Assume, we have a CSV file named example.csv that contains the following dummy data (on purpose, the last line, 6th, contains one extra data then the other rows):
Name,Country,Age
John,Ireland,18
Ted,USA,22
Lisa,UK,23
Michael,USA,20
Louise,Ireland,22,11
Now, when we're checking the CSV file to assure all the rows have the same number of data, the following block of code will do the trick and pin-point on what line the error occurred:
function validateCsvColumnLength($pathToCsvFile)
{
if(!file_exists($pathToCsvFile) || !is_readable($pathToCsvFile)){
throw new \Exception('Filename doesn`t exist or is not readable.');
}
if (!$handle = fopen($pathToCsvFile, "r")) {
throw new \Exception("Stream error");
}
$rowLength = [];
$rowNumber = 0;
while (($data = fgetcsv($handle)) !== FALSE) {
$rowLength[] = count($data);
$rowNumber++;
}
fclose($handle);
$rowKeyWithError = array_search(max($rowLength), $rowLength);
$differentRowCount = count(array_unique($rowLength));
// if there's a row that has more or less data, throw an error with the line that triggered it
if ($differentRowCount !== 1) {
throw new \Exception("Error, data count from row {$rowKeyWithError} does not match header size");
}
return true;
}
To actually test it, just do a var_dump() to see the result:
var_dump(validateCsvColumnLength('example.csv'));
What columns do you mean? If you just means amount of characters in rows, just split (explode) the file into many rows and check whether their lengths are equal to 5.
If you meant columns with delimeters, then you should find amount of occurences of that splitter in each row and then again check are they equal to 5. use fgetcsv for that
I'm assuming your talking about the length of each line in the file. If so, here's a possible solution.
$file_handle = fopen("myfile", "r");
while (!feof($file_handle)) {
$line = fgets($file_handle);
if(strlen($line)!=5) {
throw new Exception("Could not save file to database.");
break;
}
}
fclose($file_handle);
Yes, it is possible. I've done that exact thing. Use PHP's csv processing functions.

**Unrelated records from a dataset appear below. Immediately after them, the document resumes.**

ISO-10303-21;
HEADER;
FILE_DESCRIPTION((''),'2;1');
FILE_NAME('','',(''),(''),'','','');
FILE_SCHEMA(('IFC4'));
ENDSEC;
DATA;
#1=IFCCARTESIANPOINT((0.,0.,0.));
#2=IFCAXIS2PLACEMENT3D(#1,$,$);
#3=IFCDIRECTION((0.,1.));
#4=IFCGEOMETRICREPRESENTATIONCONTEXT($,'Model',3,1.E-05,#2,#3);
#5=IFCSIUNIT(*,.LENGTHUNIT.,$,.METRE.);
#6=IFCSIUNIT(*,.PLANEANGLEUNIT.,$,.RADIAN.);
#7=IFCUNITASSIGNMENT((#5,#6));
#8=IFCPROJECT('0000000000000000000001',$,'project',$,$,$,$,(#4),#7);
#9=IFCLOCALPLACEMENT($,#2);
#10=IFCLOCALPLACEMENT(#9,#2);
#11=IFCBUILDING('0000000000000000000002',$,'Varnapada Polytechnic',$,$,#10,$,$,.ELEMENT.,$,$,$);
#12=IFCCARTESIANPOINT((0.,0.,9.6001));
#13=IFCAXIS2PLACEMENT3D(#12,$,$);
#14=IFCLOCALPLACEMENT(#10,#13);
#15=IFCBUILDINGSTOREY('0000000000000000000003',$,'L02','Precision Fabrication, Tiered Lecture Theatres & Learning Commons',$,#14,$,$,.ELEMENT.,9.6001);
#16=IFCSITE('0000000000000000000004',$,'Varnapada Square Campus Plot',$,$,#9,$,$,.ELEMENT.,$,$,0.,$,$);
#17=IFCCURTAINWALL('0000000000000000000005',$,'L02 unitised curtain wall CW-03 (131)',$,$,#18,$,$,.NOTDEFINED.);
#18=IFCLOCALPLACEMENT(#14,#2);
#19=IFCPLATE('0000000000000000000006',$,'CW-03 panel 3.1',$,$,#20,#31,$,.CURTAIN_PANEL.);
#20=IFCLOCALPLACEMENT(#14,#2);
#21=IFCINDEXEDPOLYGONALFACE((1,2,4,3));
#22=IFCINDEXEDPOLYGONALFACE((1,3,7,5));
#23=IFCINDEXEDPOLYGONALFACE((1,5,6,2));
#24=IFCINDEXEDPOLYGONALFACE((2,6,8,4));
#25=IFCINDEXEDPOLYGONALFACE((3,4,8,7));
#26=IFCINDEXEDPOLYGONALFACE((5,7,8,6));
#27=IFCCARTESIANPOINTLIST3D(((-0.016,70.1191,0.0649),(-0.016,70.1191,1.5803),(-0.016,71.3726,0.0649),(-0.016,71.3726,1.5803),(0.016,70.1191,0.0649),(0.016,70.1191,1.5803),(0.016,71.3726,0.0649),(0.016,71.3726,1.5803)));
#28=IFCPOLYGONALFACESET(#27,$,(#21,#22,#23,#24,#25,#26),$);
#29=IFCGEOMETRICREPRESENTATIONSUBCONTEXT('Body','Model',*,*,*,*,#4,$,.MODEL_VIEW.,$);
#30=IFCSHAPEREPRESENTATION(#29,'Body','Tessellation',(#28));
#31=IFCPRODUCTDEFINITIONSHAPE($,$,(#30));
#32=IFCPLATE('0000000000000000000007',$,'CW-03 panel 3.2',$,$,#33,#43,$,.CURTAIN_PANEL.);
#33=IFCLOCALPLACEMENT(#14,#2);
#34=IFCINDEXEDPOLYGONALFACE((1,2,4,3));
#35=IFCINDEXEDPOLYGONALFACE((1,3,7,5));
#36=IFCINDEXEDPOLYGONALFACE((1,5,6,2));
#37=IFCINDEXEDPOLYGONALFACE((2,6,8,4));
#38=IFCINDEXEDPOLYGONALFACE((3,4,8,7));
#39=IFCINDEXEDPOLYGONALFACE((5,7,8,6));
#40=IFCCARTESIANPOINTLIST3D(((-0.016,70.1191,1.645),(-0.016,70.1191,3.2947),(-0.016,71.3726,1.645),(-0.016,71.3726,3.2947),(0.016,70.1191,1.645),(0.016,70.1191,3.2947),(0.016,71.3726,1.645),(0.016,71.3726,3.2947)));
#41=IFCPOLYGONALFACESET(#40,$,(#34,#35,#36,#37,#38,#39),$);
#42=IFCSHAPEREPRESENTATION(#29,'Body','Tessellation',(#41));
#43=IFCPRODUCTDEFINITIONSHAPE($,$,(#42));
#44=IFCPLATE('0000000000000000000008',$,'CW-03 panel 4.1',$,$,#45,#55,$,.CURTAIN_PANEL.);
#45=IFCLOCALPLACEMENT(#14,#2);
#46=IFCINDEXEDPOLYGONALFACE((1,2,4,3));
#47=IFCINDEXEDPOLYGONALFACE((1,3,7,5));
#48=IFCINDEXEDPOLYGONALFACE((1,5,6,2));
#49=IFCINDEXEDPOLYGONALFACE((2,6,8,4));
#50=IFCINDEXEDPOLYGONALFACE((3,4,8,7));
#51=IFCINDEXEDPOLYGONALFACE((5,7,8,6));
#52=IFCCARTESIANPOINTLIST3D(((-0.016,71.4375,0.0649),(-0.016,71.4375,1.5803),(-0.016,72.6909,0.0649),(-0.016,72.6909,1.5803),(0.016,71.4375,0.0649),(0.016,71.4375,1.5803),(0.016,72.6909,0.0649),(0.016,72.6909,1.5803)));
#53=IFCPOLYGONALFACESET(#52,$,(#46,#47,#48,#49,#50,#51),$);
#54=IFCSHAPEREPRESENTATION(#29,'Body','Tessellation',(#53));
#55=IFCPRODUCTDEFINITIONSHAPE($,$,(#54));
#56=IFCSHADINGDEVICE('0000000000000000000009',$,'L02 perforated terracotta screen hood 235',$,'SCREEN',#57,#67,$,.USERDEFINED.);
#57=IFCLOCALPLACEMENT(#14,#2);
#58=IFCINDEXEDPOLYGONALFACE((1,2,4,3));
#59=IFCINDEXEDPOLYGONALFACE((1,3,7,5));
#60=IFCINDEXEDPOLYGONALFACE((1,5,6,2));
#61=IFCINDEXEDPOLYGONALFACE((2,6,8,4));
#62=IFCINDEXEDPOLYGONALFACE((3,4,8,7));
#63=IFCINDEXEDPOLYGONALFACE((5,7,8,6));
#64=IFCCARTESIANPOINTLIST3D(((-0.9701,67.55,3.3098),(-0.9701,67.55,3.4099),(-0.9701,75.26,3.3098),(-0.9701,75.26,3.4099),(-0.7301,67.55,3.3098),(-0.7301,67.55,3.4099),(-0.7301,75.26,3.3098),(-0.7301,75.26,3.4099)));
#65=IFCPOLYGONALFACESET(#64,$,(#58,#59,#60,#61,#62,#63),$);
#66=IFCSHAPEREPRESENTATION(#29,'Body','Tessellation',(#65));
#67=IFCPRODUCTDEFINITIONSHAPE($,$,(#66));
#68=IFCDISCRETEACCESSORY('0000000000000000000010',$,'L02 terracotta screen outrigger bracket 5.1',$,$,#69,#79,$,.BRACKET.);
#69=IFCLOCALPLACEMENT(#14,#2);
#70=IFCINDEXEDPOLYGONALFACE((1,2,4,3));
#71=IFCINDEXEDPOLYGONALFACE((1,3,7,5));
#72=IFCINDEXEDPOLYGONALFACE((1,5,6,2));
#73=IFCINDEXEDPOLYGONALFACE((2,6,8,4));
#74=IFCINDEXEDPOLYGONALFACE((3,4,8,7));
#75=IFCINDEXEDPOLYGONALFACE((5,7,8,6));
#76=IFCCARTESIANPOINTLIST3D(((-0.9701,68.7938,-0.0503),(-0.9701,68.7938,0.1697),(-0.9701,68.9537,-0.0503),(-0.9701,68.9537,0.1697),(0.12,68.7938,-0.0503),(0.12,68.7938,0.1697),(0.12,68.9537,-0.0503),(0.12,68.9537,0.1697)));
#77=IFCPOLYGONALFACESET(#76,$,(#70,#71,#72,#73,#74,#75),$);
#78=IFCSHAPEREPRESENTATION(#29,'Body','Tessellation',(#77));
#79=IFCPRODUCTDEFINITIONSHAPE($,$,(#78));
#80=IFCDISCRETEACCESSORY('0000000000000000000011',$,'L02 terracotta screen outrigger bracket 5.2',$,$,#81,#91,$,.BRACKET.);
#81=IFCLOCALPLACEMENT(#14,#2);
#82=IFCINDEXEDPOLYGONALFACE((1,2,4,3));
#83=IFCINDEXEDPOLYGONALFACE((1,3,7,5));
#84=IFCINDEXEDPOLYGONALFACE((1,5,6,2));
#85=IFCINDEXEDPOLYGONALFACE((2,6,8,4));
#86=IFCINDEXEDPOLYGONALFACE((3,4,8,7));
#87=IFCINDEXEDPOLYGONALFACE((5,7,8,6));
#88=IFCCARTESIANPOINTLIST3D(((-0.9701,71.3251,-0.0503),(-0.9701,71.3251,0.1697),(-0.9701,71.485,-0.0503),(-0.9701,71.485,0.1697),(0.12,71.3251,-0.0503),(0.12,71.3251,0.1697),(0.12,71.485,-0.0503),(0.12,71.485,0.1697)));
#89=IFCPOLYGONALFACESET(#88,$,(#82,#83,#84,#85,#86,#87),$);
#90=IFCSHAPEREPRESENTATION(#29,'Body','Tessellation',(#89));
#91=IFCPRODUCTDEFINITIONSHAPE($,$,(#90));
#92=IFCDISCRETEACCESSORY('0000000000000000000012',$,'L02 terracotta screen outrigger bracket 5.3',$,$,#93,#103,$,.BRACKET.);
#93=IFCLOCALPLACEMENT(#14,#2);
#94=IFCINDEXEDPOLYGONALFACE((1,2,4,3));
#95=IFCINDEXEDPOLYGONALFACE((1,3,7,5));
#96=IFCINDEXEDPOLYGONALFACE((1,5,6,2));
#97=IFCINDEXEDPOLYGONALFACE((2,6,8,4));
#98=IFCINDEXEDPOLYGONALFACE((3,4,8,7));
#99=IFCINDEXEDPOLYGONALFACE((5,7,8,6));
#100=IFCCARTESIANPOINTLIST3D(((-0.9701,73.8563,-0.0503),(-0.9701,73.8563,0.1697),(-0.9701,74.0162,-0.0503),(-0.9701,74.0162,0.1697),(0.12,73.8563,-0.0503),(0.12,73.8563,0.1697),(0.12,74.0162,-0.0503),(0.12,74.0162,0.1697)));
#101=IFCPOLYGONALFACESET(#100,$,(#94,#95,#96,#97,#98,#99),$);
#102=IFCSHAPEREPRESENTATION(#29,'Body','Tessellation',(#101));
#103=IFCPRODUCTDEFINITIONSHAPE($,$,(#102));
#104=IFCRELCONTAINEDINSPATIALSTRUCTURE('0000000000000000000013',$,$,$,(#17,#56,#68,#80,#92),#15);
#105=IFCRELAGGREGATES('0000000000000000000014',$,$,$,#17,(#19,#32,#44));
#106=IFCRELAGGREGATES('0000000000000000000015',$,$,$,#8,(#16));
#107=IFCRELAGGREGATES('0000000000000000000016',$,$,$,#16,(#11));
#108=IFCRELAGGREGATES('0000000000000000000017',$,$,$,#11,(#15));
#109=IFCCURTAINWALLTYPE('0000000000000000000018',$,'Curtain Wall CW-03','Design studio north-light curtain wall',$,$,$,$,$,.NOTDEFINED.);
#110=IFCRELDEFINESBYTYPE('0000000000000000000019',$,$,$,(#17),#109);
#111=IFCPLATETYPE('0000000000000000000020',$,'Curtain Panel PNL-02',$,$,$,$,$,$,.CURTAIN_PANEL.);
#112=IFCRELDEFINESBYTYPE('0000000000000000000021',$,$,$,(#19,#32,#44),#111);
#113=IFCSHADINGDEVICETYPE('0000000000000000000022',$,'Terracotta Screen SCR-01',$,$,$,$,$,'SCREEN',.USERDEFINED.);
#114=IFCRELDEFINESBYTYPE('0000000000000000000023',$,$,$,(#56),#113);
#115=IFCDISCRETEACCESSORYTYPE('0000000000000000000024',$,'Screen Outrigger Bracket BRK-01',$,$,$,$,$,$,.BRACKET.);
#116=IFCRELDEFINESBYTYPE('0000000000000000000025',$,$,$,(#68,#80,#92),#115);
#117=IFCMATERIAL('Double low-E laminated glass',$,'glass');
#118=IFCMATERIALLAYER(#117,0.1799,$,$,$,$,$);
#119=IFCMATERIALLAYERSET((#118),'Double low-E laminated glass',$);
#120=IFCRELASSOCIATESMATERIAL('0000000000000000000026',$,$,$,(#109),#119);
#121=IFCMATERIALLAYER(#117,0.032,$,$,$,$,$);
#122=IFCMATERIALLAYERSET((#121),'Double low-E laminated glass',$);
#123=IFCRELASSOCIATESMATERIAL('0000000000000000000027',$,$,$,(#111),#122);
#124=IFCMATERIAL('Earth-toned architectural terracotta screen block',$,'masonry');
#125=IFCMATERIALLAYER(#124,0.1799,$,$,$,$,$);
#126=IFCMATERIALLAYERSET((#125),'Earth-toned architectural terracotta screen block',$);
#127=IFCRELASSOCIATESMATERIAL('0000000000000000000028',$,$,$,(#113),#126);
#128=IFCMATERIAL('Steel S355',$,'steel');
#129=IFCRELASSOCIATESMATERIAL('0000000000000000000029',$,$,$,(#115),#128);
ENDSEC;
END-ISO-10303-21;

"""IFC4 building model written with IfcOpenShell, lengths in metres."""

from ifc_helpers import new_model, si_unit, direction, frame, origin, origin_2d, place, context, subcontext, project, spatial, rectangle, extrude, material, layer, layer_set, type_object, element, aggregate, save


model = new_model("IFC4")

# Units and contexts
model_context = context("Model", 3, precision=1e-05, world=origin(), true_north=direction((0.0, 1.0)))
body_context = subcontext(model_context, "Body", "Model", "MODEL_VIEW")
ifc_project = project(units=[si_unit("LENGTHUNIT", "METRE"), si_unit("PLANEANGLEUNIT", "RADIAN")], contexts=[model_context])

# Site, building, storey
site_placement = place(None, origin())
site = spatial("IfcSite", under=ifc_project, at=site_placement, Name="Varnapada Square Campus Plot", CompositionType="ELEMENT", RefElevation=0.0)
building_placement = place(site_placement, origin())
building = spatial("IfcBuilding", under=site, at=building_placement, Name="Varnapada Polytechnic", CompositionType="ELEMENT")
storey_placement = place(building_placement, frame((0.0, 0.0, 9.6001)))
storey = spatial("IfcBuildingStorey", under=building, at=storey_placement, Name="L02", Description="Precision Fabrication, Tiered Lecture Theatres & Learning Commons", CompositionType="ELEMENT", Elevation=9.6001)

# Curtain wall, plates
ifc_material_1 = material(Name="Double low-E laminated glass", Category="glass")
ifc_layer_1 = layer(ifc_material_1, 0.1799)
ifc_layer_set_1 = layer_set([ifc_layer_1], Name="Double low-E laminated glass")
curtain_wall_type = type_object("IfcCurtainWallType", Name="Curtain Wall CW-03", Description="Design studio north-light curtain wall", PredefinedType="NOTDEFINED", material=ifc_layer_set_1)
curtain_wall_placement = place(storey_placement, origin())
curtain_wall = element("IfcCurtainWall", 1, at=curtain_wall_placement, inside=storey, type_object=curtain_wall_type, Name="L02 unitised curtain wall CW-03 (131)", PredefinedType="NOTDEFINED")
ifc_layer_2 = layer(ifc_material_1, 0.032)
ifc_layer_set_2 = layer_set([ifc_layer_2], Name="Double low-E laminated glass")
plate_type = type_object("IfcPlateType", Name="Curtain Panel PNL-02", PredefinedType="CURTAIN_PANEL", material=ifc_layer_set_2)
plate_1_placement = place(storey_placement, frame((0.0, 70.7458, 0.0649), z_axis=(0.0, 0.0, 1.0), x_axis=(0.0, 1.0, 0.0)))
plate_1 = element("IfcPlate", 2, at=plate_1_placement, type_object=plate_type, Name="CW-03 panel 3.1", PredefinedType="CURTAIN_PANEL", context=body_context, shape_type="SweptSolid", body=[
    extrude(rectangle(XDim=1.2534, YDim=0.032, at=origin_2d()), origin(), (0.0, 0.0, 1.0), 1.5154),
])
plate_2_placement = place(storey_placement, frame((0.0, 70.7458, 1.645), z_axis=(0.0, 0.0, 1.0), x_axis=(0.0, 1.0, 0.0)))
plate_2 = element("IfcPlate", 3, at=plate_2_placement, type_object=plate_type, Name="CW-03 panel 3.2", PredefinedType="CURTAIN_PANEL", context=body_context, shape_type="SweptSolid", body=[
    extrude(rectangle(XDim=1.2534, YDim=0.032, at=origin_2d()), origin(), (0.0, 0.0, 1.0), 1.6497),
])
plate_3_placement = place(storey_placement, frame((0.0, 72.0642, 0.0649), z_axis=(0.0, 0.0, 1.0), x_axis=(0.0, 1.0, 0.0)))
plate_3 = element("IfcPlate", 4, at=plate_3_placement, type_object=plate_type, Name="CW-03 panel 4.1", PredefinedType="CURTAIN_PANEL", context=body_context, shape_type="SweptSolid", body=[
    extrude(rectangle(XDim=1.2534, YDim=0.032, at=origin_2d()), origin(), (0.0, 0.0, 1.0), 1.5154),
])
aggregate(curtain_wall, [plate_1, plate_2, plate_3])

You will need these functions:
fopen()
fgetcsv()
And possibly some others.
fgetcsv returns an array.
I'll give you a short example of how you can validate.
here's the csv:
col1,col2,col3,col4
1,2,3,4
1,2,3,4,
1,2,3,4,5
1,2,3,4
I'll skip the fopen part and go straight to the validation step.
Note that "\t" is the tab character.
$row_length;
$i = 0;
while($row = fgetcsv($handle,0,"\t") {
if($i == 0) {
$row_length = sizeof($row);
} else {
if(sizeof($row) != $row_length) {
echo "Error, line $i of the data does not match header size";
break;
}
}
}
That would test each row to make sure it is the same as the 1st row's ($i = 0) length.
EDIT:
And, in case you don't know how to search the internet, here is the page for fgetcsv:
http://php.net/manual/en/function.fgetcsv.php
Here is the function prototype:
array fgetcsv ( resource $handle [, int $length = 0 [, string $delimiter = ',' [, string $enclosure = '"' [, string $escape = '\' ]]]] )
As you can see, it has everything you would need for doing a quick scan in PHP before you send your data to LOAD DATA IN FILE.
I have solved your exact problem in my own program. My program also automatically eliminates duplicate rows and other cool stuff.
You can try to see if fgetcsv will suffice. If it doesn't, please be a bit more descriptive on what you mean by columns.